При этом большая часть этих частиц — с энергией намного меньше петаэлектронвольта — надежно заперта внутри нашей галактики магнитным полем. Поскольку все эти частицы — и те, которым не хватает энергии на побег из галактики, и те, которым хватает, — мы видим на одном гладком участке спектра, то источник у них должен быть общий. А раз среди них есть заведомо «невыездные» частицы, то и все остальныечастицы с этого графика должны были ускориться где-то в пределах Млечного Пути. Получается, что в нашей галактике есть певатроны — источники космических лучей предельной для внутригалактического фона энергии. Но что это такое? Какой объект может быть источником такого мощного излучения? И какая физика стоит за процессами, которые разгоняют частицы на порядки эффективнее рукотворных ускорителей?
С места в барьер
Попытки теоретически объяснить, как ускоряются космические лучи, появились еще за несколько лет до экспериментального обнаружения «колена». Уже в 1949 году Энрико Ферми опубликовал работу, в которой объяснял ускорение многократным взаимодействием частиц с магнитным неоднородностями, которые появляются в космосе из-за постоянного перемешивания плотных облаков вещества с разреженной фоновой средой.

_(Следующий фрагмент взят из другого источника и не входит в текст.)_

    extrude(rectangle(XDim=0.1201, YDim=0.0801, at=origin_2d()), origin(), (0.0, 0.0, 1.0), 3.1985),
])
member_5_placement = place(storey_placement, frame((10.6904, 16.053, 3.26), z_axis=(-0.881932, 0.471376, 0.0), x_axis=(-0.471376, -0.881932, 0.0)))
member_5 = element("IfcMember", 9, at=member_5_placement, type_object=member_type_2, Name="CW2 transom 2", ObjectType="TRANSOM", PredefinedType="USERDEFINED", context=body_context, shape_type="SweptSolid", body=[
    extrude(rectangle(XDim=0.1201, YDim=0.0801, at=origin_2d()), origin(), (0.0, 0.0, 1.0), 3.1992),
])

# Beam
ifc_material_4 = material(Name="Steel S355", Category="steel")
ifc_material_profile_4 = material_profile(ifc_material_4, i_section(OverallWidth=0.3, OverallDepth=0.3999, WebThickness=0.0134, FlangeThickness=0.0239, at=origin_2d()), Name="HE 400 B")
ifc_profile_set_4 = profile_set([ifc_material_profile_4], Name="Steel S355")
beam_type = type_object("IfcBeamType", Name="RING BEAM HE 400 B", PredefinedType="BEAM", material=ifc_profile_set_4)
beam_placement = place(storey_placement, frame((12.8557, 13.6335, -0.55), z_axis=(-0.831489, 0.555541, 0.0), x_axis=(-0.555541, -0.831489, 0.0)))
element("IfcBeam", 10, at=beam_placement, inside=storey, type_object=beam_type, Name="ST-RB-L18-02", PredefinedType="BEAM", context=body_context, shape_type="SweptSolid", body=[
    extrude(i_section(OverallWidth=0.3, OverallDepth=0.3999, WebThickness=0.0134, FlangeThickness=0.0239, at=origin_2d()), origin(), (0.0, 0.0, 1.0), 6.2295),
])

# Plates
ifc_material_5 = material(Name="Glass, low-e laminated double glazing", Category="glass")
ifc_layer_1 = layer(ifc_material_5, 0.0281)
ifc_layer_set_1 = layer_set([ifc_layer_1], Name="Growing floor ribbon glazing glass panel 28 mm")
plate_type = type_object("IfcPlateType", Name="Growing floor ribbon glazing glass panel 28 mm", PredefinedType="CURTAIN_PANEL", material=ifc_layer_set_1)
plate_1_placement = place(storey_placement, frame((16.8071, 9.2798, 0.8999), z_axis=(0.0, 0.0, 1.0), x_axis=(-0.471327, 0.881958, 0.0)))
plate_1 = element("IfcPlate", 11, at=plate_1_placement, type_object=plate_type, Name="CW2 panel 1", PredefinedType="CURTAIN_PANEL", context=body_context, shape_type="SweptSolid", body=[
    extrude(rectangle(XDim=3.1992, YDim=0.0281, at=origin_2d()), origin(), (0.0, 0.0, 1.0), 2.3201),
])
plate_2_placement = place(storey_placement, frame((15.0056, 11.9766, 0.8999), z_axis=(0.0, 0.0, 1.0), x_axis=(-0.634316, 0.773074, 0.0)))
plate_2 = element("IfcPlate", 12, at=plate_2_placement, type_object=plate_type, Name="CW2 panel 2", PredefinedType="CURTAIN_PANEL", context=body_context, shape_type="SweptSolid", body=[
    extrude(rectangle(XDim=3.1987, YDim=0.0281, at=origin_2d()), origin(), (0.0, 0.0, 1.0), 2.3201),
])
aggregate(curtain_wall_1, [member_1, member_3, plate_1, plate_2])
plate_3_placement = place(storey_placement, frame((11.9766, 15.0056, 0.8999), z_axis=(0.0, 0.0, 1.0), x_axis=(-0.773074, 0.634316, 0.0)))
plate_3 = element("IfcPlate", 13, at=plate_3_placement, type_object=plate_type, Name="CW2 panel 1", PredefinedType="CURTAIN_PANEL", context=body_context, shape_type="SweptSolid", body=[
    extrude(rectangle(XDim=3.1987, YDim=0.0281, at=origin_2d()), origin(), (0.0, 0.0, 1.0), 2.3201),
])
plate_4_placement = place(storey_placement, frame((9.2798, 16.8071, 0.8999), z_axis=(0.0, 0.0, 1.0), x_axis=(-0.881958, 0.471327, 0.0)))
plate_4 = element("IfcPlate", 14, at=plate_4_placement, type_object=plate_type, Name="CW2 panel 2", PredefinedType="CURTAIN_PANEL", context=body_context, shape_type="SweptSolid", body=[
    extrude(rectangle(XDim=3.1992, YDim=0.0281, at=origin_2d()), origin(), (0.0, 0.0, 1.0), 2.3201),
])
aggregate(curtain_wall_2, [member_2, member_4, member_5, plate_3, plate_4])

Ферми сравнил этот механизм с чередой столкновений частицы с тяжелыми беспорядочно движущимися препятствиями, — что-то вроде галактического пинбола, когда при каждом столкновении частица в среднем получает прибавку к энергии пропорционально уже набранной. Поэтому, если сопутствующие потери малы по сравнению с приростом, частица будет набирать энергию экспоненциально с числом столкновений — до тех пор, пока не покинет область магнитных неоднородностей. Энергетический спектр же для всех частиц получается степенной — то есть их поток спадает с увеличением энергии как степенная функция, что отвечает наблюдениям.

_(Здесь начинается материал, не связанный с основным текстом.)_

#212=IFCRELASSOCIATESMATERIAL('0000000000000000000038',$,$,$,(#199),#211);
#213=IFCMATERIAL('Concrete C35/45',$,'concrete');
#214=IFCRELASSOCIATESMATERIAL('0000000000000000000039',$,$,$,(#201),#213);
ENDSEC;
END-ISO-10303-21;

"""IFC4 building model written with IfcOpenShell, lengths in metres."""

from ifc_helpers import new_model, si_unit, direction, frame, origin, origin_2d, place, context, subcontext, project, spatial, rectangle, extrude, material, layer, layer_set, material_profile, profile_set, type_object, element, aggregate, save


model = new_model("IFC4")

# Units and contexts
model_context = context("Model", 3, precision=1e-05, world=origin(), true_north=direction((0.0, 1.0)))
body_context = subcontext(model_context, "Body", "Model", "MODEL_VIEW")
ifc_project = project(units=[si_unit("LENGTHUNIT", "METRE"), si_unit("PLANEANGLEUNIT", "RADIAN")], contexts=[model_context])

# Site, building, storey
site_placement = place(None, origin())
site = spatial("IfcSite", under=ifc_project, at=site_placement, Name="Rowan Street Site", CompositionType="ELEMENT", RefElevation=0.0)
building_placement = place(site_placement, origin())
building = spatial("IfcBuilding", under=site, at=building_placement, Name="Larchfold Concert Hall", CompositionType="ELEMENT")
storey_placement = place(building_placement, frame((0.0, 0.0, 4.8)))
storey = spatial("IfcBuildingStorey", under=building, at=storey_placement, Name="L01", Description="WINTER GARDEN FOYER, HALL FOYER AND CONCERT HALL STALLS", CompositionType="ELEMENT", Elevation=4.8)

Но в «модели пинбола» есть проблема инжекции: чтобы начать ускоряться по механизму Ферми, частице сначала надо разогнаться до энергий в диапазоне гигаэлектронвольт (иначе прироста энергии не будет из-за ионизации: частица будет тормозиться об атомы окружающего вещества, отрывать от них электроны и тратить на это энергию) — а четкого понимания, как происходит это первичное ускорение, не было. Особенное сомнение вызывали тяжелые ядра, которые к тому времени уже видели в составе космических лучей — для них энергия инжекции должна быть столь велика (сотни гигаэлектронвольт), что удачное ускорение в межзвездной среде, по словам самого Ферми, «не представляется вероятным».